Trinity [27] is a transcriptome assembler that does not generate one large de Bruijn graph for the whole dataset but first generates linear contigs from seeds (filtered k-mers) in the Inchworm step first. These linear contigs are then converted into de Bruijn graphs in the Chrysalis step. This method was tested on the P. cheesemanii dataset and indeed was able to reduce the effect of different expression levels of the genes. Genes that were known to have a low expression level were assembled with the same parameter as genes with a very high expression level. Nonetheless the N50 and N90 value as well as most other assessment parameters used do not show any significant improvement to the single assemblies conducted with ABySS. Only the amount of bases assembled in the sequences longer than 500 bp indicate that sequences assembled with Trinity are longer than with ABySS. Trinity assembles 78 complete transcripts more than any single ABySS assembly but 1,806 complete transcripts less than were obtained with all ABySS assemblies. Although Trinity is able to accommodate for differences in the expression level, the default k-mer size specified is 25. In our case this means that homeologous that have identical regions of more than 25 nucleotides cannot be assembled anymore. Restricting the k-mer parameter space results in a fragmented assembly. With Trinity, the k-mer can only be increased to a maximum of 32 making this assembler, while promising for diploid organisms, does not significantly improve the transcriptome assembly of allopolyploidy species similar to Pachycladon. Further, in the situation where a homeologous gene copy has a very low expression level relative to the other copy, this sequence is filtered out in the Butterfly step as it is assumed to be the result of sequencing errors.

Assessment of assemblies

Parameter estimates used to assess de novo assemblies have previously included the number of the assembled contigs, the length of the longest sequence, and the N50 length. Our study of Pachycladon assemblies and also previous studies suggest that all three are related, and the first two parameters can be predicted just from the k-mer size used. Assemblies conducted with small k-mer sizes have more contigs because of the higher fragmentation of the sequences. This fragmentation also leads to a higher number of smaller contigs and therefore to a smaller N50 length. Assemblies conducted with high k-mer sizes produce fewer contigs (and therefore represent less of the transcriptome), a higher percentage of longer contigs and a higher N50 length. The use of the N50 length is most appropriate when assembling whole genomes but when evaluating the assembly of a transcriptome, in which the lengths of the genes are highly variable by default, a high N50 length does not necessarily indicate a higher quality transcriptome assembly. Rather, assemblies that have a high N50 length select against the assembly of shorter genes. This suggests that less significance should be placed on N50 length and more emphasis should be placed on how many and what sequences are assembled. This suggestion is supported by the observation that the longest sequence in each Pachycladon assembly was not the same gene. In our 380 assemblies 22 different genes were identified as being the longest transcript. Other parameters like the percentage of reads included in the assembly or the amount of sequences assembled indicate how much of the actual transcriptome is captured in the assembly. Optimal k-mer size and coverage values derived from these parameters favour the use of small coverage cutoffs and larger k-mer sizes. Nonetheless, one of the most important uses of an assembled transcriptome is for differential expression analysis. Particularly when dealing with polyploidy species it is crucial to be able to distinguish the two homeologous copies of one gene in order to distinguish expression levels of both copies. The more fragmented an assembly is, the harder it is to reliably distinguish contigs belonging to either of the two copies. While the amount of data generated and included in the assembly are important parameters, they do not give an indication of how fragmented are the assemblies.
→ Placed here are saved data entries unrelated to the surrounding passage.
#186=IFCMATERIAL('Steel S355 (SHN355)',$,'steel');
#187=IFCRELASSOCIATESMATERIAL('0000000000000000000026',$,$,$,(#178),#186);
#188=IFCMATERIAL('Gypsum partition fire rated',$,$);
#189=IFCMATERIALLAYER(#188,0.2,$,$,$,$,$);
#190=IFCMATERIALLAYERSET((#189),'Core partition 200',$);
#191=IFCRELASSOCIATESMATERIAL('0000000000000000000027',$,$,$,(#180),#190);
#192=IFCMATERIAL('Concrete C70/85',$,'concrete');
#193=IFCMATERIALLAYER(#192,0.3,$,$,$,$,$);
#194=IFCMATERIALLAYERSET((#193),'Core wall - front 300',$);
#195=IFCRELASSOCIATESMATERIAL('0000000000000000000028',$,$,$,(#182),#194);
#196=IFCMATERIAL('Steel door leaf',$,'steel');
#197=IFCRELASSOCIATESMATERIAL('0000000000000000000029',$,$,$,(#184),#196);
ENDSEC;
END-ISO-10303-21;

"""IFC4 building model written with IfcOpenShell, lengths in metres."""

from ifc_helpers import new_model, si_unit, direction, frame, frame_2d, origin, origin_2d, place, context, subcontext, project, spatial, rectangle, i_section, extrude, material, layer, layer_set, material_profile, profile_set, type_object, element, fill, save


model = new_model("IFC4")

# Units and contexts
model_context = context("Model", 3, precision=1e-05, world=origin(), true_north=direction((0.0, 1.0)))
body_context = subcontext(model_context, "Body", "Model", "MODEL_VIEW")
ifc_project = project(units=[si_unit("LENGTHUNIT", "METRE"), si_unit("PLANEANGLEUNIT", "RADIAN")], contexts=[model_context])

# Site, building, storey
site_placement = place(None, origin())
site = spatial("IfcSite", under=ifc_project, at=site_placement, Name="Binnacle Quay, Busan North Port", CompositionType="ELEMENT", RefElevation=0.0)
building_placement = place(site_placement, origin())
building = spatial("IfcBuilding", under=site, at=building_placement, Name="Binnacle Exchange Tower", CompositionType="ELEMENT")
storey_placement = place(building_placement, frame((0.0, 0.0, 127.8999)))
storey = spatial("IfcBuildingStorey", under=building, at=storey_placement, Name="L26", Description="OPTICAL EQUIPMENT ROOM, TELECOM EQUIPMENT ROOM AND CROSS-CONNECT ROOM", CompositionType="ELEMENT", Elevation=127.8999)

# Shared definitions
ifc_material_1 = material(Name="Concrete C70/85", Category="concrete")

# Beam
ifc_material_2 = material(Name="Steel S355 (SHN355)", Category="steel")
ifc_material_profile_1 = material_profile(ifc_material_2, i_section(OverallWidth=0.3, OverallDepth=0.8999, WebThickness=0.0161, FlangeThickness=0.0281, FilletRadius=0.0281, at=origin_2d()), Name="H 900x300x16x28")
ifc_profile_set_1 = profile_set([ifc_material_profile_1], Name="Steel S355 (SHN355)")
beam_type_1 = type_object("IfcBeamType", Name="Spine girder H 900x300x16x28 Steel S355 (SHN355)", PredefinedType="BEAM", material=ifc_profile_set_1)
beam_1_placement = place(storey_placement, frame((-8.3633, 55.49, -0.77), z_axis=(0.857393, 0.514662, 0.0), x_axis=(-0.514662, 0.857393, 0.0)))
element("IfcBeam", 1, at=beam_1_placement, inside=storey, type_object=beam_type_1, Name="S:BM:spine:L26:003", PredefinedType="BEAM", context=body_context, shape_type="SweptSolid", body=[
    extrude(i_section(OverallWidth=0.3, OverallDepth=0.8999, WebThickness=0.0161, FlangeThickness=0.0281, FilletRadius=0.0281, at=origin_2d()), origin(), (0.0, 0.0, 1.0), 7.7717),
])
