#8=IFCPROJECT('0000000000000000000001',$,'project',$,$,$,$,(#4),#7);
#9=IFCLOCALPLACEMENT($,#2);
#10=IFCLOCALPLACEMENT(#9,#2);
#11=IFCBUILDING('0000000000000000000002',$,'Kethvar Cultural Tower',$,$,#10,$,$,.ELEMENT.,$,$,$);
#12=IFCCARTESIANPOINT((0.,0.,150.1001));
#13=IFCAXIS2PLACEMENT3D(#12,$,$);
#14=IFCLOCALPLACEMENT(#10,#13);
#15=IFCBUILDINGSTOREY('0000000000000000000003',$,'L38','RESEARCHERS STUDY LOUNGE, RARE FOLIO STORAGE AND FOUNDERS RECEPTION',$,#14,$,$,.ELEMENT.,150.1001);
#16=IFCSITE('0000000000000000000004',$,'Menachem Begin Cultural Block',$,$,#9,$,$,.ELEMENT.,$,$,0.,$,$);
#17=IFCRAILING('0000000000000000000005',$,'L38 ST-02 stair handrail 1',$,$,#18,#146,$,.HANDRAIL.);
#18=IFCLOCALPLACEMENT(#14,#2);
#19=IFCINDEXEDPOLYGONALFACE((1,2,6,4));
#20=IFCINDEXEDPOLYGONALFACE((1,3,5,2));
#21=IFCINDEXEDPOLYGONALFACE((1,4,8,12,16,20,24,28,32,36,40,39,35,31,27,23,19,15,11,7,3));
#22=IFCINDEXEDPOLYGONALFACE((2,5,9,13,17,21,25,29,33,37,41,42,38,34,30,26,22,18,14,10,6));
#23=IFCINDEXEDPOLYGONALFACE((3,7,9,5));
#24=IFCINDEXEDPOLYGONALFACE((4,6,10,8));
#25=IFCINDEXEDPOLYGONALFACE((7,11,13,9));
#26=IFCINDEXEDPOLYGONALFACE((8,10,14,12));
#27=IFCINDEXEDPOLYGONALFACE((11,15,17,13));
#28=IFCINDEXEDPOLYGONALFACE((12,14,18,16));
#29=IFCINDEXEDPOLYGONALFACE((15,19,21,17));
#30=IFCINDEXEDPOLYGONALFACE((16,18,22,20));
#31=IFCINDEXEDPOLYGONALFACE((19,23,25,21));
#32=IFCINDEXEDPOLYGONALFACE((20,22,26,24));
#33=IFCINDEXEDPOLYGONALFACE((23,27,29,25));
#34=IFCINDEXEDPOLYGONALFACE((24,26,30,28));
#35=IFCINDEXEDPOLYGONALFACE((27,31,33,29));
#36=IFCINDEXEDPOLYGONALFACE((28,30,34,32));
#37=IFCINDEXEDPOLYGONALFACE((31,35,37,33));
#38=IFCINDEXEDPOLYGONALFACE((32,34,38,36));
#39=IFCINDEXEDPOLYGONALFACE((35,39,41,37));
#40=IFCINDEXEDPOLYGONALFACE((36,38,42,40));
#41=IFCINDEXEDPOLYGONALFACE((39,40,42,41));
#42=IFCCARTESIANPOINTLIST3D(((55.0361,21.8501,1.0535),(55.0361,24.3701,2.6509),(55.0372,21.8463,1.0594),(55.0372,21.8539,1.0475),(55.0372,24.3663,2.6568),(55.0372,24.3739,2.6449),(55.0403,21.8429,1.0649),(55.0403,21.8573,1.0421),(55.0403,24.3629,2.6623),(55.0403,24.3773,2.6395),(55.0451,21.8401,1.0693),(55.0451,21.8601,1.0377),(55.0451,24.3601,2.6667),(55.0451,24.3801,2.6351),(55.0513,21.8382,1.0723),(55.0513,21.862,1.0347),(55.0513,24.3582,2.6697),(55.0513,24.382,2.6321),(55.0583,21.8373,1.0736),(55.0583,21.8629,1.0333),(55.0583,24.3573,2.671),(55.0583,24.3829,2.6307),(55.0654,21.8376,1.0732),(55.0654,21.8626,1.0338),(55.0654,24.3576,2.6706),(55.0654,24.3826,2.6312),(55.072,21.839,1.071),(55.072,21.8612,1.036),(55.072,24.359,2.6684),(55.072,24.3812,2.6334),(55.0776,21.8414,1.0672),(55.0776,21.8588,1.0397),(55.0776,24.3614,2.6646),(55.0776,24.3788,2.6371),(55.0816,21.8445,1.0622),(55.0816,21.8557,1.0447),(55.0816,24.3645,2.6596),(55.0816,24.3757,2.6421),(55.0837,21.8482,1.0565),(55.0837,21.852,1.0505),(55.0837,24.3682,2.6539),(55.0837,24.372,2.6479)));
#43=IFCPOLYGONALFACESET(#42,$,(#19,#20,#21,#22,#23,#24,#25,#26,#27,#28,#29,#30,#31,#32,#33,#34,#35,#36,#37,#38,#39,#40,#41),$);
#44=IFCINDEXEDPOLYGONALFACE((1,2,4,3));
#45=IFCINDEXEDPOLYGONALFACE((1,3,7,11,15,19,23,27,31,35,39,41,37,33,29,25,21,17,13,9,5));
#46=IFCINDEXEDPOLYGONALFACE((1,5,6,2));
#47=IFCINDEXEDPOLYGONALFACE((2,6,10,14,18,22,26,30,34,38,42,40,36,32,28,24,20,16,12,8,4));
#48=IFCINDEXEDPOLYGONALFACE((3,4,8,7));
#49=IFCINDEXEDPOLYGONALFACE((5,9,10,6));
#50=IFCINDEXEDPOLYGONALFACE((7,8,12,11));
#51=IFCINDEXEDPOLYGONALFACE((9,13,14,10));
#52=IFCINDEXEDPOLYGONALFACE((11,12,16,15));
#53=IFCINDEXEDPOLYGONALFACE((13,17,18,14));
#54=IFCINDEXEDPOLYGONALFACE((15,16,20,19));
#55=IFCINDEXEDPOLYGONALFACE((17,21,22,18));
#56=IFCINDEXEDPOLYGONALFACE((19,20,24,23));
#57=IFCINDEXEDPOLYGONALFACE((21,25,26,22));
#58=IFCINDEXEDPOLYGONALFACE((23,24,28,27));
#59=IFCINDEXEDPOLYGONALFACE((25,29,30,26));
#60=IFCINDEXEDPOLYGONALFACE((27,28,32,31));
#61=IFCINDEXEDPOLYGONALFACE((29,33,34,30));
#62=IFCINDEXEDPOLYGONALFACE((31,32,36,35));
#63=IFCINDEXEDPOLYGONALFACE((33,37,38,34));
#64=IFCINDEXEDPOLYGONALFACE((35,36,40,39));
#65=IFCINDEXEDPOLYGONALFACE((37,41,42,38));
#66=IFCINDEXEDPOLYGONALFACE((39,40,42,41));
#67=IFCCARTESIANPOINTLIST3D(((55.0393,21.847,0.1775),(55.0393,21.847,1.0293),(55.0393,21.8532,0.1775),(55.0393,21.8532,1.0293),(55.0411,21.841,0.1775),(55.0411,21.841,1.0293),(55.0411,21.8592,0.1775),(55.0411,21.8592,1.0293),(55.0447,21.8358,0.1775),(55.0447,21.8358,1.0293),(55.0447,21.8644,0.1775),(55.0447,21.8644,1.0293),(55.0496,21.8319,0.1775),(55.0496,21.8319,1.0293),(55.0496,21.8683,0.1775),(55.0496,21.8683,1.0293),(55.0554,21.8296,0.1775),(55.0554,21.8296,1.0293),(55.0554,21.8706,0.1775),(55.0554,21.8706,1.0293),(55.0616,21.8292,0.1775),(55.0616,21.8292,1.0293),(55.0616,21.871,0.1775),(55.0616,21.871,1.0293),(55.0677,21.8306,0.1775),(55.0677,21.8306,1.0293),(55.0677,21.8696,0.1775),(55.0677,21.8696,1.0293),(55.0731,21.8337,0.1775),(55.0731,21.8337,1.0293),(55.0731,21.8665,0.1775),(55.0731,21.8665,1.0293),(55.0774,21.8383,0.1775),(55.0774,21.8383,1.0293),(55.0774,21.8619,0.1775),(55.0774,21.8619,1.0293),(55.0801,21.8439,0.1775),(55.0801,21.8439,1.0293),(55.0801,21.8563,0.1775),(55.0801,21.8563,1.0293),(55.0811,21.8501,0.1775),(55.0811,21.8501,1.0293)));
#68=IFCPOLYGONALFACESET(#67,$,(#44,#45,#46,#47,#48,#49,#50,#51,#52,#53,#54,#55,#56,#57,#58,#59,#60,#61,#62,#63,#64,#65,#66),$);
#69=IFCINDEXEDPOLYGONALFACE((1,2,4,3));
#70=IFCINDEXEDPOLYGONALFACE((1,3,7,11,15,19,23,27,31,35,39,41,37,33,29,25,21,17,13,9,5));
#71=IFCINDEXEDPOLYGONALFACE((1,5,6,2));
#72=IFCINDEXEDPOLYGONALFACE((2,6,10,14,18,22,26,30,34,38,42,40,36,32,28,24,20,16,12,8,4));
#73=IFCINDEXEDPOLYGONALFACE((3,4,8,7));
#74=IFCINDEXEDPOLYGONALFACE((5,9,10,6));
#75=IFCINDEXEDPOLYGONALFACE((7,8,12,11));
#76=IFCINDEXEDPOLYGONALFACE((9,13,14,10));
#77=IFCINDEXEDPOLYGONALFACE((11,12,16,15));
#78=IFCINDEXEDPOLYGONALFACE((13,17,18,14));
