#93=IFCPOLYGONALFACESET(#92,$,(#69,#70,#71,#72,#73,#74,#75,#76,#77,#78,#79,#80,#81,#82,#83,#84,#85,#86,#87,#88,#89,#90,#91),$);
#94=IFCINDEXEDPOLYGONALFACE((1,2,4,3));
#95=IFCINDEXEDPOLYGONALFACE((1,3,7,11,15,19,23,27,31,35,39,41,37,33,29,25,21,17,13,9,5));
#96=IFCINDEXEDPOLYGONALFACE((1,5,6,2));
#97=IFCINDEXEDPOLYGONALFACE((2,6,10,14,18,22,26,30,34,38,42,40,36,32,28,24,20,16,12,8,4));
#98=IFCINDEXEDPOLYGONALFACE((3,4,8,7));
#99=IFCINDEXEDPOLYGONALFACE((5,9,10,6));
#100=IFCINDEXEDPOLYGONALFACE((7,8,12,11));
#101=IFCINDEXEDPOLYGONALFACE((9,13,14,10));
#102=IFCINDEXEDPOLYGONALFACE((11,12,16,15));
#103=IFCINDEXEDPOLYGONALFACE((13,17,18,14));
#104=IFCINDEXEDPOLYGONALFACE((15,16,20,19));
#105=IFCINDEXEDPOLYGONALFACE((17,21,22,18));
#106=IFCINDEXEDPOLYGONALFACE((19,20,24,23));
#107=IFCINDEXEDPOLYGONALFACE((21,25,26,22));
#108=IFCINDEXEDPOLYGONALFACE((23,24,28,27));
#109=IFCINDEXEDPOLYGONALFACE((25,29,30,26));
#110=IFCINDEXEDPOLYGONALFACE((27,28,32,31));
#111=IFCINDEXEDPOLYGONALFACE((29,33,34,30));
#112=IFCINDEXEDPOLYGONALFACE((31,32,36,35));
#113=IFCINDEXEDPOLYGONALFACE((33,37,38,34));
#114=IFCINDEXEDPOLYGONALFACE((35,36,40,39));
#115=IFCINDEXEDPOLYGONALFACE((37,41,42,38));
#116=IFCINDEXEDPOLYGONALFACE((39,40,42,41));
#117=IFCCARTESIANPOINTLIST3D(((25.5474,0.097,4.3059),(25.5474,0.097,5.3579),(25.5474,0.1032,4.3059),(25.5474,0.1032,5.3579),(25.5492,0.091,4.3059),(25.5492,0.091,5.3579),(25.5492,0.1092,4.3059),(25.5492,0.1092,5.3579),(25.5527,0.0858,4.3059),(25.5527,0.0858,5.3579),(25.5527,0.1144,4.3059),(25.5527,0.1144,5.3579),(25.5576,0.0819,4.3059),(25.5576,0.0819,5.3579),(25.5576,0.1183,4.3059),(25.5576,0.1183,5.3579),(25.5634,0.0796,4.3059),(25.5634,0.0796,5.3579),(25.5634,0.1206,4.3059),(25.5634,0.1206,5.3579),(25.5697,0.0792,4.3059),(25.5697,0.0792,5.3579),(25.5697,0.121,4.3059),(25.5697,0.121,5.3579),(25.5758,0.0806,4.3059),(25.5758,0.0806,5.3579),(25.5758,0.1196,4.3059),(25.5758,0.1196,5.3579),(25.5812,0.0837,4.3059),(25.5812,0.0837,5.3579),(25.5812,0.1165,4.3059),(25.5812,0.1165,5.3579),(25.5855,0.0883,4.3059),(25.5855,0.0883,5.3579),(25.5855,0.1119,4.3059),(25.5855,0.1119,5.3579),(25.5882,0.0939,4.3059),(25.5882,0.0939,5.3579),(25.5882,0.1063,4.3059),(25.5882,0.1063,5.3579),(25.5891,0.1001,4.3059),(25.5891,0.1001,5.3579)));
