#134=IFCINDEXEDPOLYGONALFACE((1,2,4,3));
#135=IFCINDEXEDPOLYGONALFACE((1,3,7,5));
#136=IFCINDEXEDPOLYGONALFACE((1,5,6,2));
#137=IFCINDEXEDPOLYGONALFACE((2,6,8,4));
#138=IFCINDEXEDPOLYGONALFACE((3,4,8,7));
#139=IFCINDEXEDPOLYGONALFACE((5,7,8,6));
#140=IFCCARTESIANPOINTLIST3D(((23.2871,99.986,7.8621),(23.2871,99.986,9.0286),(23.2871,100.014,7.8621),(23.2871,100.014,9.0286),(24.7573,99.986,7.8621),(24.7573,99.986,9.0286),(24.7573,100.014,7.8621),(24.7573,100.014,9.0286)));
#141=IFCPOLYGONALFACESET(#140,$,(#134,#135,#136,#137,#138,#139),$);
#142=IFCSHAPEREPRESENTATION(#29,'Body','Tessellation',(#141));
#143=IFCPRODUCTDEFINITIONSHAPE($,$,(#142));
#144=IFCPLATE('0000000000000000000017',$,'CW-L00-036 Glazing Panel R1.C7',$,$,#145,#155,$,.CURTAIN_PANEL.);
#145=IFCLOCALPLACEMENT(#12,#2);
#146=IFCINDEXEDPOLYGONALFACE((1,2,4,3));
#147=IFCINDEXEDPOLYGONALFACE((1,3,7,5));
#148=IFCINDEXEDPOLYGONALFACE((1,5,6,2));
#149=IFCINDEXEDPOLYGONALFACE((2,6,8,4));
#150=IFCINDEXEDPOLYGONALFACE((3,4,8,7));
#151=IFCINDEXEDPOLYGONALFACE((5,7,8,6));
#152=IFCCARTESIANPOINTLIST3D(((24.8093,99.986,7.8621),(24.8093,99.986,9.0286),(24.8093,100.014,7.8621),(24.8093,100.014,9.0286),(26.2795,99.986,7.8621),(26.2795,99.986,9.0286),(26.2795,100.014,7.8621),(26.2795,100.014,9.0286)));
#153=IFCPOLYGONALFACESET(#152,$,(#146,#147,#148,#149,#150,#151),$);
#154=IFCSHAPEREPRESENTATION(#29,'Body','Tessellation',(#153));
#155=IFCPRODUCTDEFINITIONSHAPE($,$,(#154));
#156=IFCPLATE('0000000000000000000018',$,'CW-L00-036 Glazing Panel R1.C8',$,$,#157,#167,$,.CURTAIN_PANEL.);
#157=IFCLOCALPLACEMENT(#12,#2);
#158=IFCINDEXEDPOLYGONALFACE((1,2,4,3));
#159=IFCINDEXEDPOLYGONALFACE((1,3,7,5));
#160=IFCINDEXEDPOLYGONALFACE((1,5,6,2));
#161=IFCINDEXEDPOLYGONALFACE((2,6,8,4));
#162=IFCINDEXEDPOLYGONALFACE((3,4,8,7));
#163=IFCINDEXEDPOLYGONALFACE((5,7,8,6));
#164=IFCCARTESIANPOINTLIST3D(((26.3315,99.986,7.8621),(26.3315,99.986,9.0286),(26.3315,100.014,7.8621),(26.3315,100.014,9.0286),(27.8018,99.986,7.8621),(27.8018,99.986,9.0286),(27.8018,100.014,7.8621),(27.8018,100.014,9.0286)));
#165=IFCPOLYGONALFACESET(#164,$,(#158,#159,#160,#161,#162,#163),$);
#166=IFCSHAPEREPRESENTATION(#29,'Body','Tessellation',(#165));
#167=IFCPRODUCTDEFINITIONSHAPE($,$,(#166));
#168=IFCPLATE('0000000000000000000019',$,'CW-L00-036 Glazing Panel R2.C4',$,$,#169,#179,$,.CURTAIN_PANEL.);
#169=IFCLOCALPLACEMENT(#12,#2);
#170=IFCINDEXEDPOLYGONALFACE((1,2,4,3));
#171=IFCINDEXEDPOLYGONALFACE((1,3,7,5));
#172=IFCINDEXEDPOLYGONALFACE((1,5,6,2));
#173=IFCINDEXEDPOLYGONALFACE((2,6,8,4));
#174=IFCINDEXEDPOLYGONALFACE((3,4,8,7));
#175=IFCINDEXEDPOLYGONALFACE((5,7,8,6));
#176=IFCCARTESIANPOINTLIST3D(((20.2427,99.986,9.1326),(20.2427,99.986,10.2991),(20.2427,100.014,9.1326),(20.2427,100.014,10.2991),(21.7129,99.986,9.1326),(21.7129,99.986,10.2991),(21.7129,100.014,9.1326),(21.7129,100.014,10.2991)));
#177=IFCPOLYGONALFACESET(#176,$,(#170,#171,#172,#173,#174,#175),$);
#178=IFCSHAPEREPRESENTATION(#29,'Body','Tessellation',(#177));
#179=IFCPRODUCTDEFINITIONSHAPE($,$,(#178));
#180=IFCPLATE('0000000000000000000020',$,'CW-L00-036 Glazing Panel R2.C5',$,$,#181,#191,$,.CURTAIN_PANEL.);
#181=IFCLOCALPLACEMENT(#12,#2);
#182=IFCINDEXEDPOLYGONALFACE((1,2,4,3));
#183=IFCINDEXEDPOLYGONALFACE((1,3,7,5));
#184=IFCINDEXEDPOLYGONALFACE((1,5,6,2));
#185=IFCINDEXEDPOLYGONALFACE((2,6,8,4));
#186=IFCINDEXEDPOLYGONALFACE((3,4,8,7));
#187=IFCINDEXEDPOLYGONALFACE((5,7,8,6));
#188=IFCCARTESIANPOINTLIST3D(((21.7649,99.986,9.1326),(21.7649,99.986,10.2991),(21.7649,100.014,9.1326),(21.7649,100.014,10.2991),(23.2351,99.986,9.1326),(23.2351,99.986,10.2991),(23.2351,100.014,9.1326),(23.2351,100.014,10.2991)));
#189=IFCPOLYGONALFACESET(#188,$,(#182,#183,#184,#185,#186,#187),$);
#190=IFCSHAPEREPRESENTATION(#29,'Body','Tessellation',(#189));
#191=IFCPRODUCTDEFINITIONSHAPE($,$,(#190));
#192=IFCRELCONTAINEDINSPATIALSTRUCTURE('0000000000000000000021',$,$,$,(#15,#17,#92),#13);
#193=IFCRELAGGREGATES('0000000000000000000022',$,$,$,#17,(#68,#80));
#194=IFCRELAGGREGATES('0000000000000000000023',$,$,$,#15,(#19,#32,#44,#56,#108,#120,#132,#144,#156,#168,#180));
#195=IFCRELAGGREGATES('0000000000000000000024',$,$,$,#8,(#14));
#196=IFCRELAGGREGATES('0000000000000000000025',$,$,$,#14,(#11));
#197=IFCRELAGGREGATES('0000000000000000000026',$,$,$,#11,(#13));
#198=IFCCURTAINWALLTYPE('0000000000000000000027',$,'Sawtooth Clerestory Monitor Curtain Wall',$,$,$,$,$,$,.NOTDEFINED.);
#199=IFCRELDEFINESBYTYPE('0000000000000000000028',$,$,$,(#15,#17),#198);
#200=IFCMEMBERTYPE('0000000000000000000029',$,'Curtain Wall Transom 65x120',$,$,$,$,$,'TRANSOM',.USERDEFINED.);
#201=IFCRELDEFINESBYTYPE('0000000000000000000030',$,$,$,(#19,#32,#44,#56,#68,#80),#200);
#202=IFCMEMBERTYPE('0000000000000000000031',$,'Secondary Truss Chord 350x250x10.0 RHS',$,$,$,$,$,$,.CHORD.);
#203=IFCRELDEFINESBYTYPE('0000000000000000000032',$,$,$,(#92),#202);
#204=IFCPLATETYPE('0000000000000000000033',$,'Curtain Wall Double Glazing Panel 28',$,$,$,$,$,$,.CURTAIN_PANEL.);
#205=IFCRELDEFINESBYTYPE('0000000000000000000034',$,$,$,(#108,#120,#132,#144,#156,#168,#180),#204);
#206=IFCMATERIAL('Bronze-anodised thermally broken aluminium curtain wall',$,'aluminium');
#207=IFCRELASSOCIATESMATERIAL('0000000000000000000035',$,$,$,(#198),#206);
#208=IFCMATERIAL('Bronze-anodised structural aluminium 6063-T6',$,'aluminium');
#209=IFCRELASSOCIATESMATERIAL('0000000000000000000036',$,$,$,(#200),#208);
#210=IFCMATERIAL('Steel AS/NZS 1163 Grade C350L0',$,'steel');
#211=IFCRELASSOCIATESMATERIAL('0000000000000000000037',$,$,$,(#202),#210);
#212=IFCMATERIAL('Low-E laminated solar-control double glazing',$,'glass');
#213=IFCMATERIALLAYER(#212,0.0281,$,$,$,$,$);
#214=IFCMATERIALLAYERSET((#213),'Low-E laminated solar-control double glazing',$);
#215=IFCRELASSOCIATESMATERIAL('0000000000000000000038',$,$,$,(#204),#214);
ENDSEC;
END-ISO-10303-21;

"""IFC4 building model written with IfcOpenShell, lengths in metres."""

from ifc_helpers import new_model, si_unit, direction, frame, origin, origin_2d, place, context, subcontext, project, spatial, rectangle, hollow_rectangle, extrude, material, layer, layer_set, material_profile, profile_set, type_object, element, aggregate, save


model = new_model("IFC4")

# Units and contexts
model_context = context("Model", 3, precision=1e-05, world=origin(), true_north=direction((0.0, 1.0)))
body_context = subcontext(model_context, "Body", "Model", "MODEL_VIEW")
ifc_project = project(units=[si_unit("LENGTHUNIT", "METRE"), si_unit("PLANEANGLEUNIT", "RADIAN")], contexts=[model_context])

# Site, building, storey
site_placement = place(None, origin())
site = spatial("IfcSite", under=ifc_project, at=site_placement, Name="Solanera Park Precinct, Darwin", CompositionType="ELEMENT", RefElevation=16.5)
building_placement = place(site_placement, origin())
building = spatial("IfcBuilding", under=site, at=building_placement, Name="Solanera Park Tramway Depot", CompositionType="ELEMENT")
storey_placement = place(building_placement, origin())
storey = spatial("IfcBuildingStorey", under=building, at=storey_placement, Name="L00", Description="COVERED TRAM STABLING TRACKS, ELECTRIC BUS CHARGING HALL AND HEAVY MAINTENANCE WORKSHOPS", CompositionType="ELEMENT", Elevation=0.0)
Assessment should be based on the total number of full length transcripts

While it is obvious that there must be one best assembly with regard to whole genomes [25], with transcriptomes assembly must be optimized for each of the transcripts separately, making that task much more challenging. Instead of assembling only one genome the assembly of a transcriptome is analogous to the simultaneous assembly of several thousand small genomes wherein optimal parameters need to be found for each genome.

In our study, the highest number of full length transcripts was found with k-mer size 41 and coverage cutoff seven for P. fastigiatum and coverage cutoff five for P. cheesemanii. The lowest number of full length transcripts was found using k-mer size 63 and high coverage cutoffs. This suggests that many genes shared an optimal or near optimal parameter combination at the mid range of our parameter values. While k-mer size 41 was high enough to distinguish between the homeologous copies it was also small enough to assemble genes with a medium expression level. Coverage cutoffs seven and five were also effective in assembly when genes in our dataset exhibited a medium level of expression. Reducing the coverage cutoff increased the amount of noise and the complexity of the assembly problem, thereby reducing the total number of full length assembled transcripts. Similarly, increasing the coverage cutoff above 10 also significantly reduced the total number of such transcripts, because relatively fewer genes had sufficiently high expression levels. High k-mer sizes also led to suboptimal assemblies. K-mer sizes higher than 41 produced a reduced number of full length assembled transcripts irrespective of coverage cutoffs, a result consistent with most transcriptome assemblies reported to date which typically report optimal k-mer sizes smaller than 41. An important point of note is that the optimal k-mer size and coverage cutoff is expected to vary between organisms and also between different read datasets for the same organism. In respect of the later, our results suggest that the absolute number of reads will influence the optimal k-mer size and coverage cutoff values for each gene in the transcriptome.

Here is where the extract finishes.